The Touro Synagogue or Congregation Jeshuat Israel (Hebrew: קהל קדוש ישועת ישראל) is a synagogue built in 1763 in Newport, Rhode Island. It is the oldest synagogue building still standing in the United States, the only surviving synagogue building in the U.S. dating to the colonial era, and the oldest surviving Jewish synagogue building in North America. In 1946, it was declared a National Historic Site.Before you head to Newport, plan trip itinerary details with our user-friendly Newport travel planner, to make sure you see all that Newport has to offer, including Touro Synagogue.
The first congregation was made up of Sephardic Jews, who are believed to have come via the West Indies, where they participated in the triangular trade along with Dutch and English settlements. They practiced a Spanish and Portuguese Jewish liturgy and ritual. Later some early Ashkenazim joined the congregation. In the late eighteenth century, when warfare threatened, the congregation transferred the deed and Torah scrolls to Congregation Shearith Israel in New York for safekeeping. In the late 19th century, the congregation was primarily Ashkenazim, but they continued to practice the Sephardic liturgy at the synagogue.
In 2012 the two congregations went to court to try to resolve which owned the synagogue and its contents, as the Newport congregation wanted to sell some items to raise money for restoration of the building. In 2017 the United States Court of Appeals for the First Circuit ruled that the New York congregation owned it; as the US Supreme Court declined to hear the case, this ruling stands.
Touro Synagogue reviews
I learned history from this experience that I never knew before. Fascinating! A must see if you have an interest in American history. more »
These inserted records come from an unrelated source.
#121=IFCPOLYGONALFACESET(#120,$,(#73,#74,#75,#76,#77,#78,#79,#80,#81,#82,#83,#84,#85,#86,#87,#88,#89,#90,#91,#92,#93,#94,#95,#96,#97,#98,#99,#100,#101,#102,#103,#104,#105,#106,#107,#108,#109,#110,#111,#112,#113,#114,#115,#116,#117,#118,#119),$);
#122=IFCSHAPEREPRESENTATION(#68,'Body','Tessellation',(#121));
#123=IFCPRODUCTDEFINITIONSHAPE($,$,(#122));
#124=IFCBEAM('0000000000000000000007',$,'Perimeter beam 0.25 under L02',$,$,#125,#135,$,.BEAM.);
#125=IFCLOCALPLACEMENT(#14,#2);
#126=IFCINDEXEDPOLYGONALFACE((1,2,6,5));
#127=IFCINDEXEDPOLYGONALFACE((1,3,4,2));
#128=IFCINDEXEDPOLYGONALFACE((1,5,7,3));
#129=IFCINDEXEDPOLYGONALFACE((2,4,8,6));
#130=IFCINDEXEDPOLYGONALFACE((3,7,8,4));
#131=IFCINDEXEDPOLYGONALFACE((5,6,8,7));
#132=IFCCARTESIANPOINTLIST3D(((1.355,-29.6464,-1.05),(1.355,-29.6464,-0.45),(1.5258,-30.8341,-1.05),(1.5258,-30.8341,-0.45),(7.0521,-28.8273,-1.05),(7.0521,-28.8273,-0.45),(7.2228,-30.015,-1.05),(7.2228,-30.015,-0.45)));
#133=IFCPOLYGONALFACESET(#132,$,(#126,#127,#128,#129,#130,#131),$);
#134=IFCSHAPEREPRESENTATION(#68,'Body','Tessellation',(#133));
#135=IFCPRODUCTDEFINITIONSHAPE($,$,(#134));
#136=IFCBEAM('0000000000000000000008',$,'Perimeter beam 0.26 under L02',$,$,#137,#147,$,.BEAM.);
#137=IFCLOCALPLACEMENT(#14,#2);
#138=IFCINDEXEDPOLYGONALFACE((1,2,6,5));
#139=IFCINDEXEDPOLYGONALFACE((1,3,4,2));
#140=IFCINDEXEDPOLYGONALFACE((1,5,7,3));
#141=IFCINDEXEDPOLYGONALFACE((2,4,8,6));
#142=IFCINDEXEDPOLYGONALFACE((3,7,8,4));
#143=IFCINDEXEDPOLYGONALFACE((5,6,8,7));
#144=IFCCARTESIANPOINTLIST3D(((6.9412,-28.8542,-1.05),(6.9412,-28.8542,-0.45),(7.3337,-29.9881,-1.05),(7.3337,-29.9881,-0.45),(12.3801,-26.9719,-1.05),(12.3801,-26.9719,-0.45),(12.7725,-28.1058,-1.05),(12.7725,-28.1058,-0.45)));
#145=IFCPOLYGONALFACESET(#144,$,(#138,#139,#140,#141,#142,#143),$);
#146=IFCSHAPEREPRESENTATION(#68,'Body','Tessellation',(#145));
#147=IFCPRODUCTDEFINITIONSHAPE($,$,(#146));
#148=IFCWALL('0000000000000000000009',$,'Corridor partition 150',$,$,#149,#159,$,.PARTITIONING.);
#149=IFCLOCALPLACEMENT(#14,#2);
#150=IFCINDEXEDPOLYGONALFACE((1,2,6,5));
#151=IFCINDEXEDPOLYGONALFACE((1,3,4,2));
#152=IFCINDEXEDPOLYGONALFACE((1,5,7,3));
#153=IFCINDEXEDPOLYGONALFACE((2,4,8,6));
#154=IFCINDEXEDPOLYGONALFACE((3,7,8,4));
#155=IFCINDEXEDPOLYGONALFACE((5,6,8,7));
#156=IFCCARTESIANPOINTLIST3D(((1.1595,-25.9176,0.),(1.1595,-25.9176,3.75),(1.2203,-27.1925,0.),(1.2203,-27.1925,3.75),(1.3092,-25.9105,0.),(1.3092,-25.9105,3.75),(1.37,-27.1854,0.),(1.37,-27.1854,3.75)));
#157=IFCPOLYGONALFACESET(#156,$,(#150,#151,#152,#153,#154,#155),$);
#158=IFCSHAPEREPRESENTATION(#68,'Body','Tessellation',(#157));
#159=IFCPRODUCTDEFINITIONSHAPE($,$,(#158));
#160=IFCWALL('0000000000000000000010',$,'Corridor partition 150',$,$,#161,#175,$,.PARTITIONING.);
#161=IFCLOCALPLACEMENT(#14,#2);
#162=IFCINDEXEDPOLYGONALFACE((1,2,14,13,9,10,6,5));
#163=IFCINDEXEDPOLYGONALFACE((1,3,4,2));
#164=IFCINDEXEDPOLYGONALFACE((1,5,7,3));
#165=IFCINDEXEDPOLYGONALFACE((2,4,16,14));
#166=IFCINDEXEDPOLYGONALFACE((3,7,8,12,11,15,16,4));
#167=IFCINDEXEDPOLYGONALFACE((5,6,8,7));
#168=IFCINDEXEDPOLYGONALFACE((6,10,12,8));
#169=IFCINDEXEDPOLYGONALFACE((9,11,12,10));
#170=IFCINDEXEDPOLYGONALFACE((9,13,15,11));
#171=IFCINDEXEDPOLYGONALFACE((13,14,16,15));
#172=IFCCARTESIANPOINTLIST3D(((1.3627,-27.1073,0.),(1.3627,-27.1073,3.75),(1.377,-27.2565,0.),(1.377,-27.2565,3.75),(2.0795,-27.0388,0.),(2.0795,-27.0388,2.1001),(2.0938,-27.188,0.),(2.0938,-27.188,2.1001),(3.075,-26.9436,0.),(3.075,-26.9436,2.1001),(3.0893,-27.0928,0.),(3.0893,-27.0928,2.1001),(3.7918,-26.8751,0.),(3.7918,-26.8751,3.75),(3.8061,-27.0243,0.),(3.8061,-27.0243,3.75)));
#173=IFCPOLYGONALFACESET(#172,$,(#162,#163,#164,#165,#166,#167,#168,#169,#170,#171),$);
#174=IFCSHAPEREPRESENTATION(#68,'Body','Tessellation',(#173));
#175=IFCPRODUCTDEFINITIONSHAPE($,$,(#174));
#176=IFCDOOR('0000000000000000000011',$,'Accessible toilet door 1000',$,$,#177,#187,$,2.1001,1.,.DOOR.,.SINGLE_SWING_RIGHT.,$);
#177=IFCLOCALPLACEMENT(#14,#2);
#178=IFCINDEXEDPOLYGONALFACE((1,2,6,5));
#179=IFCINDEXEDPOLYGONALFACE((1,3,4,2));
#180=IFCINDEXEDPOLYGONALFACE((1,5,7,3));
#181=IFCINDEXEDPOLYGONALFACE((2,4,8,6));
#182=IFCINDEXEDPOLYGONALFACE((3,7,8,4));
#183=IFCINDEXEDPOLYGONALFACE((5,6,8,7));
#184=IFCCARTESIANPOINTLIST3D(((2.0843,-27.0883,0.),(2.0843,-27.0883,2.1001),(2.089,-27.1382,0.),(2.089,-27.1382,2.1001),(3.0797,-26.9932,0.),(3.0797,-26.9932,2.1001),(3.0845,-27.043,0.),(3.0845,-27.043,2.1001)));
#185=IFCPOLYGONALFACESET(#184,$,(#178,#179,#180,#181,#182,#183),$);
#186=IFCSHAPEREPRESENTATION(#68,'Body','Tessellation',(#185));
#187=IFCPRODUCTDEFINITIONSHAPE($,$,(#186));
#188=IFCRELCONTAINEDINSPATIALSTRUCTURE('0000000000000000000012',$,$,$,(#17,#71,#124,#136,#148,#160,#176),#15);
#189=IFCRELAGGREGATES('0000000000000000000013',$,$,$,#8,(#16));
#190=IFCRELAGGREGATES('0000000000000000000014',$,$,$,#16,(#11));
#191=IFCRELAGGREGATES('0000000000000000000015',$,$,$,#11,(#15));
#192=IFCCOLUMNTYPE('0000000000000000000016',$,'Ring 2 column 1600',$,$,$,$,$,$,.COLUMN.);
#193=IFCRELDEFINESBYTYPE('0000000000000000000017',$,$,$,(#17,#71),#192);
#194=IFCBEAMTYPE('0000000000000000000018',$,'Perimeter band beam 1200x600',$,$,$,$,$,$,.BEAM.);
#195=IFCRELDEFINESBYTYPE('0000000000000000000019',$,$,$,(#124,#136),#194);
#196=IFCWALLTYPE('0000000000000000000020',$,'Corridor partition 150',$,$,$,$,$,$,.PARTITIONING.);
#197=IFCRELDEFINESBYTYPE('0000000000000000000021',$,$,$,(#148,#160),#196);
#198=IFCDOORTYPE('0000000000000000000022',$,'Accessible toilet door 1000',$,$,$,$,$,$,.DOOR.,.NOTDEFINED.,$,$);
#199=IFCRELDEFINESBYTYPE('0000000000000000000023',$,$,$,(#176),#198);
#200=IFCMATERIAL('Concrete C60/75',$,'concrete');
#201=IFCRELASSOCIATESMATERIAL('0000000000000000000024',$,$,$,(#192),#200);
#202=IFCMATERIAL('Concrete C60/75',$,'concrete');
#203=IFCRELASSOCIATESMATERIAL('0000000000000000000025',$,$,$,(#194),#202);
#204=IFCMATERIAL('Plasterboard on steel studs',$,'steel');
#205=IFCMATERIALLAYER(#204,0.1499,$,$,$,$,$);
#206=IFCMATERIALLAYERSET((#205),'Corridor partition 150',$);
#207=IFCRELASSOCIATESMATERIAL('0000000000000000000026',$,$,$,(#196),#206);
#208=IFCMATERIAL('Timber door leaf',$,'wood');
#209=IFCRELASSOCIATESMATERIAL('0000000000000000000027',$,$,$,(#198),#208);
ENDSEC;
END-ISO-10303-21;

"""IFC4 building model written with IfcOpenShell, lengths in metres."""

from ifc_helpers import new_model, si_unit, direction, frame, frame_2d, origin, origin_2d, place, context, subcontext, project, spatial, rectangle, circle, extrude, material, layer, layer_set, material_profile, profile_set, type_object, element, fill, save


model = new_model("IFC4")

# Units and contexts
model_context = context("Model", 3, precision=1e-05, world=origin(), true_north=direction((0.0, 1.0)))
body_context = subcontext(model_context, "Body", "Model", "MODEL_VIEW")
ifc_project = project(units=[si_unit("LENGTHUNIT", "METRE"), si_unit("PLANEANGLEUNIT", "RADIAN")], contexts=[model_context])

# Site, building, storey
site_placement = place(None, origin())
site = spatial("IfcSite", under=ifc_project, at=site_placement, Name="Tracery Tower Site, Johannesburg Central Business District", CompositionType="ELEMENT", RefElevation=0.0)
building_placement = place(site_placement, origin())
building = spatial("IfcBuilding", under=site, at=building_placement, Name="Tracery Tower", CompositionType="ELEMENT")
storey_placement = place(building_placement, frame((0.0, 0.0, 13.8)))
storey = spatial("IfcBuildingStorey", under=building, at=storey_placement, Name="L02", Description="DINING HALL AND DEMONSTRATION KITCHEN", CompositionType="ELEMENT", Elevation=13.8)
You do not have to be Jewish to appreciate the history associated with this colonial building. The tour guide can answer any of your questions but tells you of the history that propelled the... more »
Must stop in Newport for any history buff. This is the oldest synagogue in the United States. An interaction here in the 1700s between the congregation and President George Washington helped establish freedom of religion in the United States. There is a small admission fee. It gets you into the synagogue, the grounds, andva very well-done museum. Note: there is NO on-site parking.
Amazing visit. We did the informal tour but the guide inside (Deborah, I believe) was informative and knowledgeable. She gave a great overview of the history and allowed us to ask as many questions as we wanted. Such a fascinating place with great history. Definitely worth the visit -- make sure to also check out the exhibits in the building where you buy tickets and grab a copy of the Washington Letter (so cool!).